Governo Maduro suspendeu relação com ilhas caribenhas e ordenou o fechamento da fronteira com o Brasil. Anistia Internacional denunciou atuação das autoridades

Venezuela fecha portos contra ajuda humanitária
Ajuda humanitária está prevista para chegar no próximo sábado, 23 (Foto: Nicolas Maduro/Twitter)

A Venezuela decidiu, na última quarta-feira, 20, fechar todos os portos do país até o próximo dia 24 de fevereiro. O anúncio ocorreu horas depois que o presidente da Assembleia Nacional e autoproclamado presidente venezuelano, Juan Guaidó, anunciou a partida de uma ajuda humanitária de Porto Rico para a Venezuela.

“Hoje [quarta] saiu de Porto Rico uma embarcação com 250 toneladas de ajuda humanitária para nosso país. Contêineres cheios de esperança e oportunidades para muitos venezuelanos, mas também cheios de liberdade. A ajuda humanitária entrará sim ou sim na Venezuela”, escreveu Guaidó nas redes sociais.

Diante da proximidade do dia 23 de fevereiro, no próximo sábado, data na qual Guaidó garantiu que a ajuda humanitária chegará ao país, o governo do presidente eleito Nicolás Maduro anunciou o fechamento de todos os portos venezuelanos. Até o momento, apenas a fronteira com a Colômbia estava bloqueada para impedir a chegada da ajuda humanitária enviada pelos Estados Unidos.

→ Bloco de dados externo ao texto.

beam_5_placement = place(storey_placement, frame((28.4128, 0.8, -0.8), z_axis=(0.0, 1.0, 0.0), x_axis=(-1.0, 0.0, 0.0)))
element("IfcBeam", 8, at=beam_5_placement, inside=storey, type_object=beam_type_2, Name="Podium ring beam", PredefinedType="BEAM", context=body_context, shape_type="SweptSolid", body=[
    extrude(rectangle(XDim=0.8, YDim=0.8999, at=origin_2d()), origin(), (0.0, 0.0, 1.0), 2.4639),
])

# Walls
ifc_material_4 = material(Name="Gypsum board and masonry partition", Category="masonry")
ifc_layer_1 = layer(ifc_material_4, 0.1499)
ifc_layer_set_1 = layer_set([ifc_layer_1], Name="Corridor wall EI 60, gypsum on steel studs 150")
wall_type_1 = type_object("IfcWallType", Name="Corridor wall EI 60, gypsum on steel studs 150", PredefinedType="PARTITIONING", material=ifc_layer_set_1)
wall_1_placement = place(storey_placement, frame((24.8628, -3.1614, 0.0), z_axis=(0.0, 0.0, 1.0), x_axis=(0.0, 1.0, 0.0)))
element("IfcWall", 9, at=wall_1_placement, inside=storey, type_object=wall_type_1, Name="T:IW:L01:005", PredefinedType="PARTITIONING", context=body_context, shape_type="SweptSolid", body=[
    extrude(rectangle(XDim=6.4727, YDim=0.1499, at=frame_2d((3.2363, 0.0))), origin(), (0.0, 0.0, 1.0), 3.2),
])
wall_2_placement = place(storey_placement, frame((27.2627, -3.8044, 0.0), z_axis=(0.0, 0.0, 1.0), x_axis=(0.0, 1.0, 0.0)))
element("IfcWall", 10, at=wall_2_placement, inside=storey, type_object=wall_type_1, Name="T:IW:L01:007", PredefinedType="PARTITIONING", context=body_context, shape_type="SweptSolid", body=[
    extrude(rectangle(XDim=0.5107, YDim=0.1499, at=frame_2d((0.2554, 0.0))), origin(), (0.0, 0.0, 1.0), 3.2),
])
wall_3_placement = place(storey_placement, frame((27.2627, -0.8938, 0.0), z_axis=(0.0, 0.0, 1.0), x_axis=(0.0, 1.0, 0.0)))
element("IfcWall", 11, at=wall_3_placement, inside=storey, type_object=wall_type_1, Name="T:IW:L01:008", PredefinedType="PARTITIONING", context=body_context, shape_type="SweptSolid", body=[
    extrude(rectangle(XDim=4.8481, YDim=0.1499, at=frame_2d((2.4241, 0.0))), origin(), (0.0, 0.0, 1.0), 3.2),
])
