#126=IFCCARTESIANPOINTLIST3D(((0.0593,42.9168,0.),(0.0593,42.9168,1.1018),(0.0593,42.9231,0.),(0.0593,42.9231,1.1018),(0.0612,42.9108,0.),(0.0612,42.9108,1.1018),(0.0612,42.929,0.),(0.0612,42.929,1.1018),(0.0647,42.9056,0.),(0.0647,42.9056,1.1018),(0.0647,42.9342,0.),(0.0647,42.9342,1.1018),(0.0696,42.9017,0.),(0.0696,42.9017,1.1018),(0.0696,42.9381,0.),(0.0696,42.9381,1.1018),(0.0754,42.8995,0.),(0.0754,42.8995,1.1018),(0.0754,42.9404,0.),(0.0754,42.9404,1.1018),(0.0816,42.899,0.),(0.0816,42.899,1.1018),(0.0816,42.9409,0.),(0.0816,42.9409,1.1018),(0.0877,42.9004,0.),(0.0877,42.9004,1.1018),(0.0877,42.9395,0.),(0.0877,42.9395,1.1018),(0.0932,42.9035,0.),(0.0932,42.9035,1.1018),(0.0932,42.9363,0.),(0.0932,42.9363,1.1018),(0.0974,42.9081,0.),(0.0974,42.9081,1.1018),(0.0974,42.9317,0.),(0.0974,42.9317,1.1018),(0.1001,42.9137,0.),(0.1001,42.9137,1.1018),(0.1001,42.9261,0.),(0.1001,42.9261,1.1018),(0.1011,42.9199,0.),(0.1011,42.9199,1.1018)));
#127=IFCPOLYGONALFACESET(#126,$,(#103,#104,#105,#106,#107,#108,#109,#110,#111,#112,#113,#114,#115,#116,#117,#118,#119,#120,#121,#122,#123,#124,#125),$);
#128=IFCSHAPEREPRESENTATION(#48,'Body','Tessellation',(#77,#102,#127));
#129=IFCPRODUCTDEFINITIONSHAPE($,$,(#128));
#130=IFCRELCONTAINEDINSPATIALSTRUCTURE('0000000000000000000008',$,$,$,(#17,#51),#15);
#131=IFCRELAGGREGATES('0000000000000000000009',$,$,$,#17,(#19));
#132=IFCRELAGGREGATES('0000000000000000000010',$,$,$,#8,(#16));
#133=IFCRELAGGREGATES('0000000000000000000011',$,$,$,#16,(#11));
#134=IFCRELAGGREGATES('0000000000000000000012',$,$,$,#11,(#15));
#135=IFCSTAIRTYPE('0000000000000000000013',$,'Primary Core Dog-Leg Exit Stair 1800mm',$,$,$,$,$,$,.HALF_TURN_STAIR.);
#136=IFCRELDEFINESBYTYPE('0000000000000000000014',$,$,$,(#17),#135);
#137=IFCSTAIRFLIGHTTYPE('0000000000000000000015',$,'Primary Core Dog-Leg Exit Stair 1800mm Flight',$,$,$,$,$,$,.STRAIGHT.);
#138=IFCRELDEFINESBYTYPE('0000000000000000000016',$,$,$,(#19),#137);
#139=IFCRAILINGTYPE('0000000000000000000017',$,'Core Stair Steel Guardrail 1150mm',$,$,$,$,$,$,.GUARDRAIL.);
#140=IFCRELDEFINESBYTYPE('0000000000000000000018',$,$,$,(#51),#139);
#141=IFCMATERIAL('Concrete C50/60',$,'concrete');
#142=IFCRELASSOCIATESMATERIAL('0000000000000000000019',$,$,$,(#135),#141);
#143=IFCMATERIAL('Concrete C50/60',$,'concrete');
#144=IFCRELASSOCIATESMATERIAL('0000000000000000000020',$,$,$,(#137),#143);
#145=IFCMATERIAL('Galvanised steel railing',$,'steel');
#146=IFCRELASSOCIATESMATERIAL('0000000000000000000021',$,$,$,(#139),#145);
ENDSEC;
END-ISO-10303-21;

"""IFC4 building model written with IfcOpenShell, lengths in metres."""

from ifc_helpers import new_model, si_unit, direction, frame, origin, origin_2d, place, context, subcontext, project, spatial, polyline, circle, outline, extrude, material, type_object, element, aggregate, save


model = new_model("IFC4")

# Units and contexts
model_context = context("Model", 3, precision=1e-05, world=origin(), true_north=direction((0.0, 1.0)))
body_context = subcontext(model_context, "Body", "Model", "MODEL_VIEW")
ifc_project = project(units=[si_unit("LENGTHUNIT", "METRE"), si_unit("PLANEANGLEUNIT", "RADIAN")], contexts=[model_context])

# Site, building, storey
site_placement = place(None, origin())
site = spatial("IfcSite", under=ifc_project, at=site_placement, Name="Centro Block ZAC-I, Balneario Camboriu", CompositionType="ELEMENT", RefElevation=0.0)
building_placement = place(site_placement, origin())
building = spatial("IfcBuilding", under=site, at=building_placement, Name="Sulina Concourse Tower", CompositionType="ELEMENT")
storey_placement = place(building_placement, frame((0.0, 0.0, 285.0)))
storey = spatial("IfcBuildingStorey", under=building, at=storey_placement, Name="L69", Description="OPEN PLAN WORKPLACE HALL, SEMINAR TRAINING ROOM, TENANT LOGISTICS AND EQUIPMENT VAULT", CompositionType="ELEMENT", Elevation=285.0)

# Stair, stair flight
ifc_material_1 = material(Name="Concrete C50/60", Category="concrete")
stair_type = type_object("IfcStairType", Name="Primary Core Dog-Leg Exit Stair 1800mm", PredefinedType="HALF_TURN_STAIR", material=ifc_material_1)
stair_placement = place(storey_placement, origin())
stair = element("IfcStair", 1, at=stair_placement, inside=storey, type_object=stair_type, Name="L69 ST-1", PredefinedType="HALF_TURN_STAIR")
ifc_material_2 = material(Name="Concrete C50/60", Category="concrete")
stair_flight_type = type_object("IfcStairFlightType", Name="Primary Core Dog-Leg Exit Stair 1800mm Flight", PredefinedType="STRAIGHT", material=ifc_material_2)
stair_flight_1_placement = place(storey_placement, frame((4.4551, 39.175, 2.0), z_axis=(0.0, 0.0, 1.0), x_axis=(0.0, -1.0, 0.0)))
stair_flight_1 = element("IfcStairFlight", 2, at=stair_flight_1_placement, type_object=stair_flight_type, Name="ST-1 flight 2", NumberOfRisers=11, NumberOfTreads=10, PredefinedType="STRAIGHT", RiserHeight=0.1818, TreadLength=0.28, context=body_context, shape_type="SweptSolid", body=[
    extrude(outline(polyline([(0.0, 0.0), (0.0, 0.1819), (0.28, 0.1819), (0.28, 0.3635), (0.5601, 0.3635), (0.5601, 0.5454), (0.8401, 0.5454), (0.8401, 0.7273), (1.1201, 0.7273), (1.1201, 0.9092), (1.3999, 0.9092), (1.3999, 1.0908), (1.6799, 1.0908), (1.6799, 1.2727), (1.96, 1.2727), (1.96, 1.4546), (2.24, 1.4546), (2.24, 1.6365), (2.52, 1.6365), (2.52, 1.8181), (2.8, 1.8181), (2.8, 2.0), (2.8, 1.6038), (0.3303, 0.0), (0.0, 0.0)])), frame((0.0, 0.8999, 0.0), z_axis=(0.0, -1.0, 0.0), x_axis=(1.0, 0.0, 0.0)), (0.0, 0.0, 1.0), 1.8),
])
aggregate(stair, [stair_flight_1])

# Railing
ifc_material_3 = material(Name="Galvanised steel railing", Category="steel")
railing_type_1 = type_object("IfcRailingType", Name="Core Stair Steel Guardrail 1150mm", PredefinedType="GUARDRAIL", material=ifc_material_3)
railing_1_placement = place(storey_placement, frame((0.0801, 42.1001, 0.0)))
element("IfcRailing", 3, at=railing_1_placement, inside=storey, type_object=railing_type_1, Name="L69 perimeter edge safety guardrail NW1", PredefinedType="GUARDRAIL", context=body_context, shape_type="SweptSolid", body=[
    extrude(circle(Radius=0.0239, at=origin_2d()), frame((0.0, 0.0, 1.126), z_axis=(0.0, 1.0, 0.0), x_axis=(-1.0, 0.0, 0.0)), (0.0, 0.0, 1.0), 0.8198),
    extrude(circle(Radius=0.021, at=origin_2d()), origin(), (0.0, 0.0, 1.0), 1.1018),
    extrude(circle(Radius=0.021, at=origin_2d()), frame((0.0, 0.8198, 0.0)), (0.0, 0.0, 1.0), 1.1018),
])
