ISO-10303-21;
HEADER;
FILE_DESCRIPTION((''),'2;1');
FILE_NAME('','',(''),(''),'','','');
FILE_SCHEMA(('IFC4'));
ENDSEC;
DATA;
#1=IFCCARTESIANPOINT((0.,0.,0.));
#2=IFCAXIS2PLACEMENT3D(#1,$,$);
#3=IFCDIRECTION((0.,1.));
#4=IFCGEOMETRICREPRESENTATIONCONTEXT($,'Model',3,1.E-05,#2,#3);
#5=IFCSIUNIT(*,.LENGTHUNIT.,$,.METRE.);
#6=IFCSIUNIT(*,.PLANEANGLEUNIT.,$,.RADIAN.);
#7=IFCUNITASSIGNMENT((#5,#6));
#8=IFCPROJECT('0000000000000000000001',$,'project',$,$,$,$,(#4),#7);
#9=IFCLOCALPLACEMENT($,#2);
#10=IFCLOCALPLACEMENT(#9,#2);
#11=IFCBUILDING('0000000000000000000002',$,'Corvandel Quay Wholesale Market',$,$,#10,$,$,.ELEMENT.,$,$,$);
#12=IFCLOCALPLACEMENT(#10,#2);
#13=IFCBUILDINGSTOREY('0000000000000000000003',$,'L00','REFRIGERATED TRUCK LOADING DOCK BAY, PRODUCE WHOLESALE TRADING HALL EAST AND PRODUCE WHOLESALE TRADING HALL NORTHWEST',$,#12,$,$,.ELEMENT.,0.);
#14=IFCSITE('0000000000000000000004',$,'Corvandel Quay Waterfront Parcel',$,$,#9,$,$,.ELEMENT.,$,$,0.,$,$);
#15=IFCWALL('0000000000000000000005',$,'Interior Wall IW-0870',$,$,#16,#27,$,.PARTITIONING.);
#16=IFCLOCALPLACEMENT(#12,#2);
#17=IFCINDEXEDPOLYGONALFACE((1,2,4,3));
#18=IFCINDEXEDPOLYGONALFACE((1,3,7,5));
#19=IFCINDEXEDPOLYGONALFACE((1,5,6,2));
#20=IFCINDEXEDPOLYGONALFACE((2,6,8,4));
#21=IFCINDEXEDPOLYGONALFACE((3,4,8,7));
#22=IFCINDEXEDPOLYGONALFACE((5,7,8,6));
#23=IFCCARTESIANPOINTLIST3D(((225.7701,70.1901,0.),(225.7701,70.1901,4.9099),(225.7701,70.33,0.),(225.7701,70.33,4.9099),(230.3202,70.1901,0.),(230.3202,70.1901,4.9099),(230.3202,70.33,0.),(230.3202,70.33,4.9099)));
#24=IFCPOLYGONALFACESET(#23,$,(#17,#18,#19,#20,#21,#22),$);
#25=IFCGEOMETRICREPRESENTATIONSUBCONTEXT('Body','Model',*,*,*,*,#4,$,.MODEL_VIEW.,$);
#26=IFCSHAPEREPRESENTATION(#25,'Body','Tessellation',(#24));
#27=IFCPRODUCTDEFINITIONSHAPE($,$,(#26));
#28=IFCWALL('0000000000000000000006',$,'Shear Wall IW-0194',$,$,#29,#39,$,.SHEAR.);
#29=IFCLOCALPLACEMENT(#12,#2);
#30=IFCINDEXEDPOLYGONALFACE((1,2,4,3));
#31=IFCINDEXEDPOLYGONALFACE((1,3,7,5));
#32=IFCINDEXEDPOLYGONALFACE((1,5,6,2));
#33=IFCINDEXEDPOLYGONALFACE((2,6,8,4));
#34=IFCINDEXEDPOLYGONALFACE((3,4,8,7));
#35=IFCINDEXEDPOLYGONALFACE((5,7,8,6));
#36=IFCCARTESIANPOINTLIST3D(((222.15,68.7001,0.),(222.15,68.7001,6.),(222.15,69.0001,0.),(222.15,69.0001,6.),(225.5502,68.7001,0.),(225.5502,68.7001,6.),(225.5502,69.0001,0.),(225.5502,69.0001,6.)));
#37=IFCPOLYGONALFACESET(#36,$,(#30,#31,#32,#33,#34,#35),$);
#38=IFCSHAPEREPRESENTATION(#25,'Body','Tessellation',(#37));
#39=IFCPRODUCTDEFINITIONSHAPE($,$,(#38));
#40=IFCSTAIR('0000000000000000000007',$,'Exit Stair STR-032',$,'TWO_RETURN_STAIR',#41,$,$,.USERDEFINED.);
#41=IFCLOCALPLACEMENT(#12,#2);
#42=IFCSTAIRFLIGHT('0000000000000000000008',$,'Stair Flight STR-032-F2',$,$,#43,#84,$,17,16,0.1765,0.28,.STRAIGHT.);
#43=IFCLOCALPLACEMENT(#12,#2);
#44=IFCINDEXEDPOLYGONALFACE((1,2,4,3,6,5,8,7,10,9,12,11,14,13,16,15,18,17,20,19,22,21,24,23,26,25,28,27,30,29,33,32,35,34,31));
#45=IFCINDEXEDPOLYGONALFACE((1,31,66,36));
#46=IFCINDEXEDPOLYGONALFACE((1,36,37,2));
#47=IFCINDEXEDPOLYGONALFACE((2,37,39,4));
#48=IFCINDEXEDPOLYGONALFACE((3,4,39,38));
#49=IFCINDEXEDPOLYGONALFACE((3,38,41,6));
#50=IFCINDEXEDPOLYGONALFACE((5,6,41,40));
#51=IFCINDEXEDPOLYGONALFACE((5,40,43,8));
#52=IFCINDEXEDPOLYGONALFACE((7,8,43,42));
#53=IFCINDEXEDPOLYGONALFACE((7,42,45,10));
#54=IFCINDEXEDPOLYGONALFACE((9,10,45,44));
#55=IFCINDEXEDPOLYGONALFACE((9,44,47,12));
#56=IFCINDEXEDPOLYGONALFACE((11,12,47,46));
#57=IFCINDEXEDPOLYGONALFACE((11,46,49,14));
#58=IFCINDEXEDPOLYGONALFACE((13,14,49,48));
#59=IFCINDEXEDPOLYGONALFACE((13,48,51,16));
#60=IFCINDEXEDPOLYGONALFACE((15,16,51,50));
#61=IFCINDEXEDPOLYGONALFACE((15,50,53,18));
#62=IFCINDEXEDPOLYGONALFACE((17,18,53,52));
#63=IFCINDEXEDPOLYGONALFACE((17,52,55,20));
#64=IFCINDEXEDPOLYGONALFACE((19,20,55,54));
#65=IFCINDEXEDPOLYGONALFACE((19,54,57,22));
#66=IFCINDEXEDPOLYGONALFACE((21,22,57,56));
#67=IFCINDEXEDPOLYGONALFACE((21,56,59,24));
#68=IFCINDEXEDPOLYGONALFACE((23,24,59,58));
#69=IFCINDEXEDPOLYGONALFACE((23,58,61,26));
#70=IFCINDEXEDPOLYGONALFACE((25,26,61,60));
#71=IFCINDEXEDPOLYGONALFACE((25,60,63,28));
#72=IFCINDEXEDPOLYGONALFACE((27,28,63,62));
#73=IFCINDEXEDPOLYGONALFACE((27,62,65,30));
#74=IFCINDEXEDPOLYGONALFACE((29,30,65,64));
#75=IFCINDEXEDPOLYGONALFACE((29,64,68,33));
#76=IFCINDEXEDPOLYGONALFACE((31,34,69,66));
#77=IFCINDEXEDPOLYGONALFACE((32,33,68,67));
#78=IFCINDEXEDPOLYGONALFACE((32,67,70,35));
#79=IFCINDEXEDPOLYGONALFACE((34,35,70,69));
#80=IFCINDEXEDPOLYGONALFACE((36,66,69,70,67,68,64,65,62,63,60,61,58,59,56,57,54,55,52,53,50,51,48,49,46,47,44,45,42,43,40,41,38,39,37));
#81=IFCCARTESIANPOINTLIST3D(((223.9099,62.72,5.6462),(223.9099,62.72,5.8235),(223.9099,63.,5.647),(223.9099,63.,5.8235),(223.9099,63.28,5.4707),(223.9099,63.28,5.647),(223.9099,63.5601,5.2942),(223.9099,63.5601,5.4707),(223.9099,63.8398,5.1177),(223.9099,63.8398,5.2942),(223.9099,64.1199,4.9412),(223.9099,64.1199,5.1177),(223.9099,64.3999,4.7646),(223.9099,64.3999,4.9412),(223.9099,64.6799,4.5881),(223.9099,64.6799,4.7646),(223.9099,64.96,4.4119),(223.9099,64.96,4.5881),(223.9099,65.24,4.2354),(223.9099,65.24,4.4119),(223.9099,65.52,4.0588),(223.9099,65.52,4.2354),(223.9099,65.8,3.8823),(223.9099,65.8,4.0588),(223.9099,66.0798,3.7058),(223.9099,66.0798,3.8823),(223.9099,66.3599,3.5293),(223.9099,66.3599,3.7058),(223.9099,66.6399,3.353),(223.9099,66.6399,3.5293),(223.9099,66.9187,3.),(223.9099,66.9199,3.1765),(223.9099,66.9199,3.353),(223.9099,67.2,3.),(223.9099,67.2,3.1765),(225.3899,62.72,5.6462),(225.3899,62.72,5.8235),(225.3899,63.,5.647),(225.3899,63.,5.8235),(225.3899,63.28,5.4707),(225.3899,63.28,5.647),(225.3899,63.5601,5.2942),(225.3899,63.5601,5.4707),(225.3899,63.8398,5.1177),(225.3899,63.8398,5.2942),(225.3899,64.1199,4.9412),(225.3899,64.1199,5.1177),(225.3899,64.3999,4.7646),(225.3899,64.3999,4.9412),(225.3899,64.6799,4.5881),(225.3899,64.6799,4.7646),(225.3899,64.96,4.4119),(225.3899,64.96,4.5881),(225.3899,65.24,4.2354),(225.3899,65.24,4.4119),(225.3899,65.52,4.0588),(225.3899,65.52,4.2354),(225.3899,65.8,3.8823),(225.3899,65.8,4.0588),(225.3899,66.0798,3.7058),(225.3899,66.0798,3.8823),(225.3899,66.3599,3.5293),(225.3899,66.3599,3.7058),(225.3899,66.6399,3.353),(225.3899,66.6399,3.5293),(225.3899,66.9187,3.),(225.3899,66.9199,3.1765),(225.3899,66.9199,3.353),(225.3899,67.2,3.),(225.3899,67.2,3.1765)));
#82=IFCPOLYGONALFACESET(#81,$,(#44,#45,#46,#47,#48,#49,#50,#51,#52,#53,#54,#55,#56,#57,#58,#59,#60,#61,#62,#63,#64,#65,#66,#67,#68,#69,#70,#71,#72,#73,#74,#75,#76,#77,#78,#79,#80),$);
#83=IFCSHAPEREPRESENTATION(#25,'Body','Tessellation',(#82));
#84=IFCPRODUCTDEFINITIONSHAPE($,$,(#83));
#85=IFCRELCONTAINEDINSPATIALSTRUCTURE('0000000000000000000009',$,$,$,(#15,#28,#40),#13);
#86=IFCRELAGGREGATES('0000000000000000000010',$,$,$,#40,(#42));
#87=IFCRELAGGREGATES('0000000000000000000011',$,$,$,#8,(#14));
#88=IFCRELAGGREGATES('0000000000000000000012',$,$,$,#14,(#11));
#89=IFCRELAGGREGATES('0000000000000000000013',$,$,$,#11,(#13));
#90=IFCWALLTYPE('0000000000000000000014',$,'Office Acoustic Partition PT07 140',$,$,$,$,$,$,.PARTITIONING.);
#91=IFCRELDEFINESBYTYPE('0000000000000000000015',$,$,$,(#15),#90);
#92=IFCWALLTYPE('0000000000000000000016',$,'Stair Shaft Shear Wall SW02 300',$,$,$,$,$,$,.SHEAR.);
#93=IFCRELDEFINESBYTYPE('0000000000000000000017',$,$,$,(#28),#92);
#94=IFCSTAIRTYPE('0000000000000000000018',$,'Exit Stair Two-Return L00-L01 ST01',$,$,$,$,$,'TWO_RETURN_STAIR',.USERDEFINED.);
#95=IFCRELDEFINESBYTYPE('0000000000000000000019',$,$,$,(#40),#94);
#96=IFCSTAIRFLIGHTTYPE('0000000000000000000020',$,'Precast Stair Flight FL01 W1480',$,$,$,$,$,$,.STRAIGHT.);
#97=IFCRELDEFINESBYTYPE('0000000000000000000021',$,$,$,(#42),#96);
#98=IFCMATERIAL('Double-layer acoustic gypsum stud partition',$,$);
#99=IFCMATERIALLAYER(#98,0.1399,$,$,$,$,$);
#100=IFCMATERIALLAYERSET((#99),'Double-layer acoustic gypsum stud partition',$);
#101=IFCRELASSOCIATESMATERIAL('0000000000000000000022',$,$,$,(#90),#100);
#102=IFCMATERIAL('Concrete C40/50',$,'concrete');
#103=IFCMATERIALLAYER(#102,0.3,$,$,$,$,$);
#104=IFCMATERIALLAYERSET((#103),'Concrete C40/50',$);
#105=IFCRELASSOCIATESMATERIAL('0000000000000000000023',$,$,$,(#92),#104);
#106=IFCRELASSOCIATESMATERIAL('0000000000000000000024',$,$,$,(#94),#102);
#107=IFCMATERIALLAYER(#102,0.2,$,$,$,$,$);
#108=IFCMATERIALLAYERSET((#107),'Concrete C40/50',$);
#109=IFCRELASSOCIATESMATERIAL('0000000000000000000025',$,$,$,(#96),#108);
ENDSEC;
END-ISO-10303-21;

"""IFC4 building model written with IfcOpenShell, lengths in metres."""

from ifc_helpers import new_model, si_unit, direction, frame, frame_2d, origin, place, context, subcontext, project, spatial, polyline, rectangle, outline, extrude, material, layer, layer_set, type_object, element, aggregate, save


model = new_model("IFC4")

# Units and contexts
model_context = context("Model", 3, precision=1e-05, world=origin(), true_north=direction((0.0, 1.0)))
body_context = subcontext(model_context, "Body", "Model", "MODEL_VIEW")
ifc_project = project(units=[si_unit("LENGTHUNIT", "METRE"), si_unit("PLANEANGLEUNIT", "RADIAN")], contexts=[model_context])

# Site, building, storey
site_placement = place(None, origin())
site = spatial("IfcSite", under=ifc_project, at=site_placement, Name="Corvandel Quay Waterfront Parcel", CompositionType="ELEMENT", RefElevation=0.0)
building_placement = place(site_placement, origin())
building = spatial("IfcBuilding", under=site, at=building_placement, Name="Corvandel Quay Wholesale Market", CompositionType="ELEMENT")
storey_placement = place(building_placement, origin())
storey = spatial("IfcBuildingStorey", under=building, at=storey_placement, Name="L00", Description="REFRIGERATED TRUCK LOADING DOCK BAY, PRODUCE WHOLESALE TRADING HALL EAST AND PRODUCE WHOLESALE TRADING HALL NORTHWEST", CompositionType="ELEMENT", Elevation=0.0)

# Shared definitions
ifc_material_1 = material(Name="Concrete C40/50", Category="concrete")

# Shared definitions
ifc_material_2 = material(Name="Double-layer acoustic gypsum stud partition")
ifc_layer_1 = layer(ifc_material_2, 0.1399)
ifc_layer_set_1 = layer_set([ifc_layer_1], Name="Double-layer acoustic gypsum stud partition")
wall_type_1 = type_object("IfcWallType", Name="Office Acoustic Partition PT07 140", PredefinedType="PARTITIONING", material=ifc_layer_set_1)

# Walls
wall_1_placement = place(storey_placement, frame((230.3201, 70.26, 0.0), z_axis=(0.0, 0.0, 1.0), x_axis=(-1.0, 0.0, 0.0)))
element("IfcWall", 1, at=wall_1_placement, inside=storey, type_object=wall_type_1, Name="Interior Wall IW-0870", PredefinedType="PARTITIONING", context=body_context, shape_type="SweptSolid", body=[
    extrude(rectangle(XDim=4.55, YDim=0.1399, at=frame_2d((2.2749, 0.0))), origin(), (0.0, 0.0, 1.0), 4.9099),
])
ifc_layer_2 = layer(ifc_material_1, 0.3)
ifc_layer_set_2 = layer_set([ifc_layer_2], Name="Concrete C40/50")
wall_type_2 = type_object("IfcWallType", Name="Stair Shaft Shear Wall SW02 300", PredefinedType="SHEAR", material=ifc_layer_set_2)
wall_2_placement = place(storey_placement, frame((222.1499, 68.8501, 0.0), z_axis=(0.0, 0.0, 1.0), x_axis=(1.0, 0.0, 0.0)))
element("IfcWall", 2, at=wall_2_placement, inside=storey, type_object=wall_type_2, Name="Shear Wall IW-0194", PredefinedType="SHEAR", context=body_context, shape_type="SweptSolid", body=[
    extrude(rectangle(XDim=3.4001, YDim=0.3, at=frame_2d((1.7002, 0.0))), origin(), (0.0, 0.0, 1.0), 6.0),
])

Além de encerrar temporariamente as atividades nos portos, bloqueando a saída e chegada de embarcações, a Venezuela afirmou que vai rever as relações com as ilhas de Aruba, Bonaire e Curaçao, que ficam no mar do Caribe. Isso porque, os governos locais haviam se colocado à disposição para servir como um centro de coleta para ajuda humanitária. Dessa forma, o governo venezuelano suspendeu, por tempo indeterminado, a relação com as ilhas.

“Nós anunciou a suspensão de todos os tipos de voos privados e comerciais e o tráfego de barcos da nação venezuelana para Curaçao, Aruba e Bonaire, e vamos rever as relações diplomáticas com estes países, que servirão como centros de recolha de uma suposta ajuda humanitária, sob a tutela do governo dos Estados Unidos, para justificar uma intervenção no Estado venezuelano”, afirmou a vice-presidente da Venezuela, Delcy Rodriguez.

Fronteira com o Brasil

Além do bloqueio na fronteira com a Colômbia e a suspensão do tráfego marítimo, o governo venezuelano também ordenou o fechamento da fronteira com o Brasil. Isso porque, o presidente Jair Bolsonaro anunciou, na última quarta-feira, que uma força-tarefa brasileira iria levar ajuda humanitária aos venezuelanos.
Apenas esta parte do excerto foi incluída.